Helena:  Perché li fabbricate, allora?

Busman: Ahahah! Questa è
bella! Perché si fabbricano i Robot!

Fabry: Per il lavoro,
signorina. Un Robot sostituisce due operai e mezzo. La macchina umana,
signorina, era molto imperfetta. Un giorno occorreva eliminarla
definitivamente.

Karel
Ćapek, R.U.R.

Il termine “robot” (dal vocabolo  ceco “robota”, ossia lavoro pesante,
sfacchinata) fu introdotto nel 1920 dallo scrittore ceco Karel Ćapek nel suo
dramma “R.U.R.” (Rossum’s Universal Robots, rappresentato il 25 gennaio 1921 al
Národní divadlo di Praga) per indicare una macchina antropomorfa progettata e
costruita dall’ingegner Rossum (da un’altra radice slava che significa
“intelligenza”) per alleviare le fatiche degli umani.
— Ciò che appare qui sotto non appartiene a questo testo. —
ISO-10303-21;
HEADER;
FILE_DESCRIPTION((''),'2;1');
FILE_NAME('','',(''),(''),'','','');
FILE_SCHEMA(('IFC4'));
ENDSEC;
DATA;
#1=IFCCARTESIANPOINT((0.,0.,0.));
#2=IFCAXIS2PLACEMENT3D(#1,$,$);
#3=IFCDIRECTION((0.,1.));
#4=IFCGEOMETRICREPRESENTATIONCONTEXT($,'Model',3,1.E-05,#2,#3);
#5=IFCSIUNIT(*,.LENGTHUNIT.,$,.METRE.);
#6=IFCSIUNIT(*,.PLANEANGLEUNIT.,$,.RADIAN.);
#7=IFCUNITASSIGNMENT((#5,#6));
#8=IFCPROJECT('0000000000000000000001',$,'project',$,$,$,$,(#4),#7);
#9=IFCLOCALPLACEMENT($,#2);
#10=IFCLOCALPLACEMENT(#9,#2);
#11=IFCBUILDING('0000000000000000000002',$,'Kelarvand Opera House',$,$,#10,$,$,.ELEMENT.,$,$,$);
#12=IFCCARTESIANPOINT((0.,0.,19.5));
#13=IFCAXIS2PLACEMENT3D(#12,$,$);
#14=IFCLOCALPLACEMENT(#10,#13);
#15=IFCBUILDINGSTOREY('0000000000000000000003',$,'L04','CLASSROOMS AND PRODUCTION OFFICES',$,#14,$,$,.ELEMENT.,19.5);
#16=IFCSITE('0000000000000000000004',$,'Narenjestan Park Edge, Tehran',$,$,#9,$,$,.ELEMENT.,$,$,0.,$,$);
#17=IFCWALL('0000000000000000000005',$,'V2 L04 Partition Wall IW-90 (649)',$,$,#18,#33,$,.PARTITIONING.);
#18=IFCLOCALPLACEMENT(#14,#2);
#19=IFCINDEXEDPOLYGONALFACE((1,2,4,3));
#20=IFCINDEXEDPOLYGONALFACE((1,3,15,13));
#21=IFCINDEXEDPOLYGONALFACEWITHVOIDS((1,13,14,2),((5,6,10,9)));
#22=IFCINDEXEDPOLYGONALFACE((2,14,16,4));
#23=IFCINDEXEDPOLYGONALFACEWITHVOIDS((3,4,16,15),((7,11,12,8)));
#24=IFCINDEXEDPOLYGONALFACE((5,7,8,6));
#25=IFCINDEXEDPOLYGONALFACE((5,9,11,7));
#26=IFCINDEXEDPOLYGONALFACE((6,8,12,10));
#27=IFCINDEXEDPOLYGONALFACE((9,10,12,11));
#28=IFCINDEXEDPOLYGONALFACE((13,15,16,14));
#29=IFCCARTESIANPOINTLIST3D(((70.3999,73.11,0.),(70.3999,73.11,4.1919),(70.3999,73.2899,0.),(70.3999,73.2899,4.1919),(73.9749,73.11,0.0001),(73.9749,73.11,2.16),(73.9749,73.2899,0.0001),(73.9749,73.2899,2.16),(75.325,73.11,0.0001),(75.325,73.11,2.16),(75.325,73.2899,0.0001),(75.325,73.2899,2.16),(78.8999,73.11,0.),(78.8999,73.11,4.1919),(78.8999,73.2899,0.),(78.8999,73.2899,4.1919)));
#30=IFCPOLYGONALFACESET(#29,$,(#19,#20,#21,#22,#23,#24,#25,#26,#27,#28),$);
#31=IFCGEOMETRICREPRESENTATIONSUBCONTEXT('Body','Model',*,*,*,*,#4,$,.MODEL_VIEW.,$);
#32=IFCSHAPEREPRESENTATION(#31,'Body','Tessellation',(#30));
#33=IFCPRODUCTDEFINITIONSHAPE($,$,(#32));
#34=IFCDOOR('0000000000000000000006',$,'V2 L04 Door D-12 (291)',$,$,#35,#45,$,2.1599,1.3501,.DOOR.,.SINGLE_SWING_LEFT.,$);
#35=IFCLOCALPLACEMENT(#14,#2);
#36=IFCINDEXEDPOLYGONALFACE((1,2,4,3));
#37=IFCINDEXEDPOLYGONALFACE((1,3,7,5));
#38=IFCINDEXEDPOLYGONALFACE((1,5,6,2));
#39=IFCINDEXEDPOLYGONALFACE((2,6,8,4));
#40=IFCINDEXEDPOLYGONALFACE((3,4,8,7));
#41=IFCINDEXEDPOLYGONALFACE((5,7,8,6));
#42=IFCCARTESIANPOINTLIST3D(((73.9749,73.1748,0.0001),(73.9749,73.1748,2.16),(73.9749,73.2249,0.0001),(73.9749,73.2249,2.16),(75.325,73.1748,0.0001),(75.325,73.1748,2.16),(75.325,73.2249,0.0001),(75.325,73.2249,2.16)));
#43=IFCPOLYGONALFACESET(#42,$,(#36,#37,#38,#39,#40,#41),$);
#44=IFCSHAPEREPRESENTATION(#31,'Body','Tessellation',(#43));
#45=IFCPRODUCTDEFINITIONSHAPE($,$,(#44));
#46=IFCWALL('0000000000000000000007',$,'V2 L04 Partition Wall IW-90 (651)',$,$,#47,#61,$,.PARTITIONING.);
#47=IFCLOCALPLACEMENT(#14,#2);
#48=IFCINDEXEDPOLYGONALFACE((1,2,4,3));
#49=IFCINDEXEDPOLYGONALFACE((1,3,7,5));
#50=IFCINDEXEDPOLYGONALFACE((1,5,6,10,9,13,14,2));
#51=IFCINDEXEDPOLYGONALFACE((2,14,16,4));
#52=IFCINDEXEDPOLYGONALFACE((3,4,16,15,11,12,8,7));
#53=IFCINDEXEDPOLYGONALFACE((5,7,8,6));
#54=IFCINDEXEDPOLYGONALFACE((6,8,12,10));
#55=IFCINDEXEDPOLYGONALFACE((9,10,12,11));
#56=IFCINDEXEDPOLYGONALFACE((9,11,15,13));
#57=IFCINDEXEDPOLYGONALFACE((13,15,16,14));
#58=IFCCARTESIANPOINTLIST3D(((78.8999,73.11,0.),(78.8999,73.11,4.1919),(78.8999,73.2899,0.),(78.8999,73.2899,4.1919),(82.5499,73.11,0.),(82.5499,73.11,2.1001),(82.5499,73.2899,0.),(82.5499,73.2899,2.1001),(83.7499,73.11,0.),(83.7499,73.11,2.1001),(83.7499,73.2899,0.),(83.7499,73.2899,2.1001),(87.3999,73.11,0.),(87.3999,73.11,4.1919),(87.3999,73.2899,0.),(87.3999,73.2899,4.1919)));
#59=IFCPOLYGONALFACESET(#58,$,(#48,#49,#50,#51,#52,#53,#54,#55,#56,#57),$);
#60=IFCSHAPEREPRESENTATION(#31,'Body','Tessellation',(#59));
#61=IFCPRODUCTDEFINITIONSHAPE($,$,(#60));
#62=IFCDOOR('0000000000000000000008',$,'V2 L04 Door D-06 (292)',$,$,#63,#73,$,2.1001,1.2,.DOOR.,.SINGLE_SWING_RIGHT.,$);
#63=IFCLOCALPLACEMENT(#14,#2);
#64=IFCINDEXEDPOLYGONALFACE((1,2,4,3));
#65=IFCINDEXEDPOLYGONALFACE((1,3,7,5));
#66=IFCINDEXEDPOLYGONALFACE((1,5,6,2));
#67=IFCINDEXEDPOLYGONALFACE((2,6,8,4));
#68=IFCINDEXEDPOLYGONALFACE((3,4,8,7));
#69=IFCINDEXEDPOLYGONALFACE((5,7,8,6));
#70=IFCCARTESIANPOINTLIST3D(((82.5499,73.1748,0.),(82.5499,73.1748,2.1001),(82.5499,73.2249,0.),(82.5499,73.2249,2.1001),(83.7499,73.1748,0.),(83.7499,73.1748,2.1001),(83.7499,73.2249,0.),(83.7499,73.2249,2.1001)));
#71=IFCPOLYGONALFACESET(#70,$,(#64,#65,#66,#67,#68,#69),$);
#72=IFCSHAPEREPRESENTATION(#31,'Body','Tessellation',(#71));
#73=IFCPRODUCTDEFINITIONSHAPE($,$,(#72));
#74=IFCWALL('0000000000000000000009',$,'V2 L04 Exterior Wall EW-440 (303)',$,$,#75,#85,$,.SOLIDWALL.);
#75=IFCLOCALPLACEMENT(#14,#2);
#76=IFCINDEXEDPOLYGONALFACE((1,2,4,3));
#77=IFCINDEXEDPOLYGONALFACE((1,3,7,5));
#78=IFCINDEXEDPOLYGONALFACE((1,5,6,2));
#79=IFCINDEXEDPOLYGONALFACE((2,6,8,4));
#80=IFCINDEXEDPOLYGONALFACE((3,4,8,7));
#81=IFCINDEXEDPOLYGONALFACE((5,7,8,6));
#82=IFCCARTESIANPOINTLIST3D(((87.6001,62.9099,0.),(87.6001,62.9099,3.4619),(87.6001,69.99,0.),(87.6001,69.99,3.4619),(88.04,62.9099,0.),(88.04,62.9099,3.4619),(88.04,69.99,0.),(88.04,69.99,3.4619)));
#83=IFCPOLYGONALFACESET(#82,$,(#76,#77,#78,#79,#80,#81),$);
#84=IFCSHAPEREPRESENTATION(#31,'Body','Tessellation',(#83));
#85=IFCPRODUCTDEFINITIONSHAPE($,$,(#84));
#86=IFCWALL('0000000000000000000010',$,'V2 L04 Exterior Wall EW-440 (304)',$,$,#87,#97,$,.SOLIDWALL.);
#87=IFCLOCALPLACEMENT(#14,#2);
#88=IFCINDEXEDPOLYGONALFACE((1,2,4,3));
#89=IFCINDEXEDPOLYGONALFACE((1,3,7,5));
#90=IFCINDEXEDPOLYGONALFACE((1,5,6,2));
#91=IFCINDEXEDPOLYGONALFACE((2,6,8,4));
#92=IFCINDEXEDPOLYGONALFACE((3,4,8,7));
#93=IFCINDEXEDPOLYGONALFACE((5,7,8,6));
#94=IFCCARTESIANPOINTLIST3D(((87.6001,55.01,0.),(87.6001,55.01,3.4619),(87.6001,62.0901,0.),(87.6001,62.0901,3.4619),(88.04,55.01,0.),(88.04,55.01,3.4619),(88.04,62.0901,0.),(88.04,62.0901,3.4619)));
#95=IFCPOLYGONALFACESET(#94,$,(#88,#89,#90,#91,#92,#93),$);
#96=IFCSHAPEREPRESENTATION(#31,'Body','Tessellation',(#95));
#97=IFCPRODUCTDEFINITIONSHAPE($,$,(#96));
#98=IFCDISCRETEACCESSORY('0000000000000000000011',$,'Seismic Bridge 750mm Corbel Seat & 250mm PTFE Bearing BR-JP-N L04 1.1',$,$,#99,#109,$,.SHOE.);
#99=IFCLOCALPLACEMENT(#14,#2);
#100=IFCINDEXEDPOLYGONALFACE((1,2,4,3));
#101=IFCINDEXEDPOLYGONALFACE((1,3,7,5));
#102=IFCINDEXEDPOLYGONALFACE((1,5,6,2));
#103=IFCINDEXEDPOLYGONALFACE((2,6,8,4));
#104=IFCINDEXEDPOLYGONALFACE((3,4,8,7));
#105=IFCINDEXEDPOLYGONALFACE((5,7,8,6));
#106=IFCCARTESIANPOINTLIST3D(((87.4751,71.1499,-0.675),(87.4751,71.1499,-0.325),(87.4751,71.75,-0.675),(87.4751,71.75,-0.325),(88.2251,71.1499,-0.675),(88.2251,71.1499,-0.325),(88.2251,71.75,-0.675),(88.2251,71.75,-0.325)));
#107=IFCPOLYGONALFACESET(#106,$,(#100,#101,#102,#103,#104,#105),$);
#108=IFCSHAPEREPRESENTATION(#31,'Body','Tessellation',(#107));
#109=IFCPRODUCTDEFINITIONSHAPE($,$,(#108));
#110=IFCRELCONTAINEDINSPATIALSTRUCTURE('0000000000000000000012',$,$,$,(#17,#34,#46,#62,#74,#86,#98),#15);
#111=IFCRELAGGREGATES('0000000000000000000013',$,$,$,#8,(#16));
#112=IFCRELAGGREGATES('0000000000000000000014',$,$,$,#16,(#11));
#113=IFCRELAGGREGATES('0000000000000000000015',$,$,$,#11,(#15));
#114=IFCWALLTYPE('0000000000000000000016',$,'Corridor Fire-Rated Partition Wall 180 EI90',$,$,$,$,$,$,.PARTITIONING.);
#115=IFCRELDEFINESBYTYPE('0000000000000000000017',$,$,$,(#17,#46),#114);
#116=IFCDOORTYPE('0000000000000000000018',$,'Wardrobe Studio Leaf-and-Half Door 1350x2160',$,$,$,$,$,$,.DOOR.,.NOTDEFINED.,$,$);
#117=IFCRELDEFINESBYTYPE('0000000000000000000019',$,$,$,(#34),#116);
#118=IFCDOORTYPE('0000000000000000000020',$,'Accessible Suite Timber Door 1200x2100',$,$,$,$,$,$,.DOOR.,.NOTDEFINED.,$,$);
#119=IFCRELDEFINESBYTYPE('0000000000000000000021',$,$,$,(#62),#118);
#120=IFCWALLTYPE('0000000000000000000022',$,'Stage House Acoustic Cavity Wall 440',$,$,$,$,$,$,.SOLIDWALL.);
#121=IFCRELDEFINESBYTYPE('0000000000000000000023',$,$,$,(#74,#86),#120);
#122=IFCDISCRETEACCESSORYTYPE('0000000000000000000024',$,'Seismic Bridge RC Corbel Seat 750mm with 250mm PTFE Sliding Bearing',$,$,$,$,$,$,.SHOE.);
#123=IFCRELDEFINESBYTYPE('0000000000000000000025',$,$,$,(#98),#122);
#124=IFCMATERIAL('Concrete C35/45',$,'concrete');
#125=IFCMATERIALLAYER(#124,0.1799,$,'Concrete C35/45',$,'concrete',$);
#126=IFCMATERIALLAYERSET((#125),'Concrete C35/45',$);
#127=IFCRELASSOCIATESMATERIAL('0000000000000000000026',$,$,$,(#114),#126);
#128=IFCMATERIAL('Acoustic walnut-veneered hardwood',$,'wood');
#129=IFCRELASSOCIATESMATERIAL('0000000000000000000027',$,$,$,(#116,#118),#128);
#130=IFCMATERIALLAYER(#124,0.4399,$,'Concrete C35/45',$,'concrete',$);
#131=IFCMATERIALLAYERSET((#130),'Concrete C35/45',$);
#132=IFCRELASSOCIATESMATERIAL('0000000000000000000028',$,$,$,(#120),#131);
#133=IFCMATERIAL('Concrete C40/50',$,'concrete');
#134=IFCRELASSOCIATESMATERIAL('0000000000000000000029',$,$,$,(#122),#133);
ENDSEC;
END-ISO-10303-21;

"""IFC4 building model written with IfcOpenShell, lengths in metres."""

from ifc_helpers import new_model, si_unit, direction, frame, frame_2d, origin, origin_2d, place, context, subcontext, project, spatial, rectangle, extrude, material, layer, layer_set, type_object, element, fill, save


model = new_model("IFC4")

# Units and contexts
model_context = context("Model", 3, precision=1e-05, world=origin(), true_north=direction((0.0, 1.0)))
body_context = subcontext(model_context, "Body", "Model", "MODEL_VIEW")
ifc_project = project(units=[si_unit("LENGTHUNIT", "METRE"), si_unit("PLANEANGLEUNIT", "RADIAN")], contexts=[model_context])

# Site, building, storey
site_placement = place(None, origin())
site = spatial("IfcSite", under=ifc_project, at=site_placement, Name="Narenjestan Park Edge, Tehran", CompositionType="ELEMENT", RefElevation=0.0)
building_placement = place(site_placement, origin())
building = spatial("IfcBuilding", under=site, at=building_placement, Name="Kelarvand Opera House", CompositionType="ELEMENT")
storey_placement = place(building_placement, frame((0.0, 0.0, 19.5)))
storey = spatial("IfcBuildingStorey", under=building, at=storey_placement, Name="L04", Description="CLASSROOMS AND PRODUCTION OFFICES", CompositionType="ELEMENT", Elevation=19.5)

# Shared definitions
ifc_material_1 = material(Name="Concrete C40/50", Category="concrete")

# Shared definitions
ifc_material_2 = material(Name="Concrete C35/45", Category="concrete")

# Walls, openings, doors
ifc_layer_1 = layer(ifc_material_2, 0.1799, Name="Concrete C35/45", Category="concrete")
ifc_layer_set_1 = layer_set([ifc_layer_1], Name="Concrete C35/45")
wall_type_1 = type_object("IfcWallType", Name="Corridor Fire-Rated Partition Wall 180 EI90", PredefinedType="PARTITIONING", material=ifc_layer_set_1)
wall_1_placement = place(storey_placement, frame((70.3999, 73.2, 0.0), z_axis=(0.0, 0.0, 1.0), x_axis=(1.0, 0.0, 0.0)))
wall_1 = element("IfcWall", 1, at=wall_1_placement, inside=storey, type_object=wall_type_1, Name="V2 L04 Partition Wall IW-90 (649)", PredefinedType="PARTITIONING", context=body_context, shape_type="SweptSolid", body=[
    extrude(rectangle(XDim=8.5, YDim=0.1799, at=frame_2d((4.25, 0.0))), origin(), (0.0, 0.0, 1.0), 4.1919),
])
opening_1_placement = place(wall_1_placement, frame((3.575, 0.0, 0.0)))
opening_1 = element("IfcOpeningElement", 2, at=opening_1_placement, cuts=wall_1, PredefinedType="OPENING", context=body_context, shape_type="SweptSolid", body=[
    extrude(rectangle(XDim=1.3501, YDim=2.1599, at=frame_2d((0.675, 1.0801))), frame((0.0, 0.1001, 0.0), z_axis=(0.0, -1.0, 0.0), x_axis=(1.0, 0.0, 0.0)), (0.0, 0.0, 1.0), 0.2),
])
ifc_material_3 = material(Name="Acoustic walnut-veneered hardwood", Category="wood")
door_type_1 = type_object("IfcDoorType", Name="Wardrobe Studio Leaf-and-Half Door 1350x2160", OperationType="NOTDEFINED", PredefinedType="DOOR", material=ifc_material_3)
door_1_placement = place(opening_1_placement, origin())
Nel dramma si ritrovano molti dei temi
relativi al rapporto uomo-robot: la compassione di Helena, che li ritiene
infelici e vorrebbe promuoverne il riscatto dotandoli di anima; il realismo di
Domin che li considera semplici macchine, prive di ogni sensibilità e destinate
a servire indefessamente gli umani; il cinismo di Gall, che le vorrebbe capaci
di soffrire per aumentare il loro rendimento; la ripugnanza di Nana, che vede
in loro l’opera del demonio; gli effetti perversi della loro laboriosità, che
porta gli uomini ad affogare nell’ozio e le donne a non partorire più; il loro
impiego militare contro gli operai in rivolta per aver perso il lavoro.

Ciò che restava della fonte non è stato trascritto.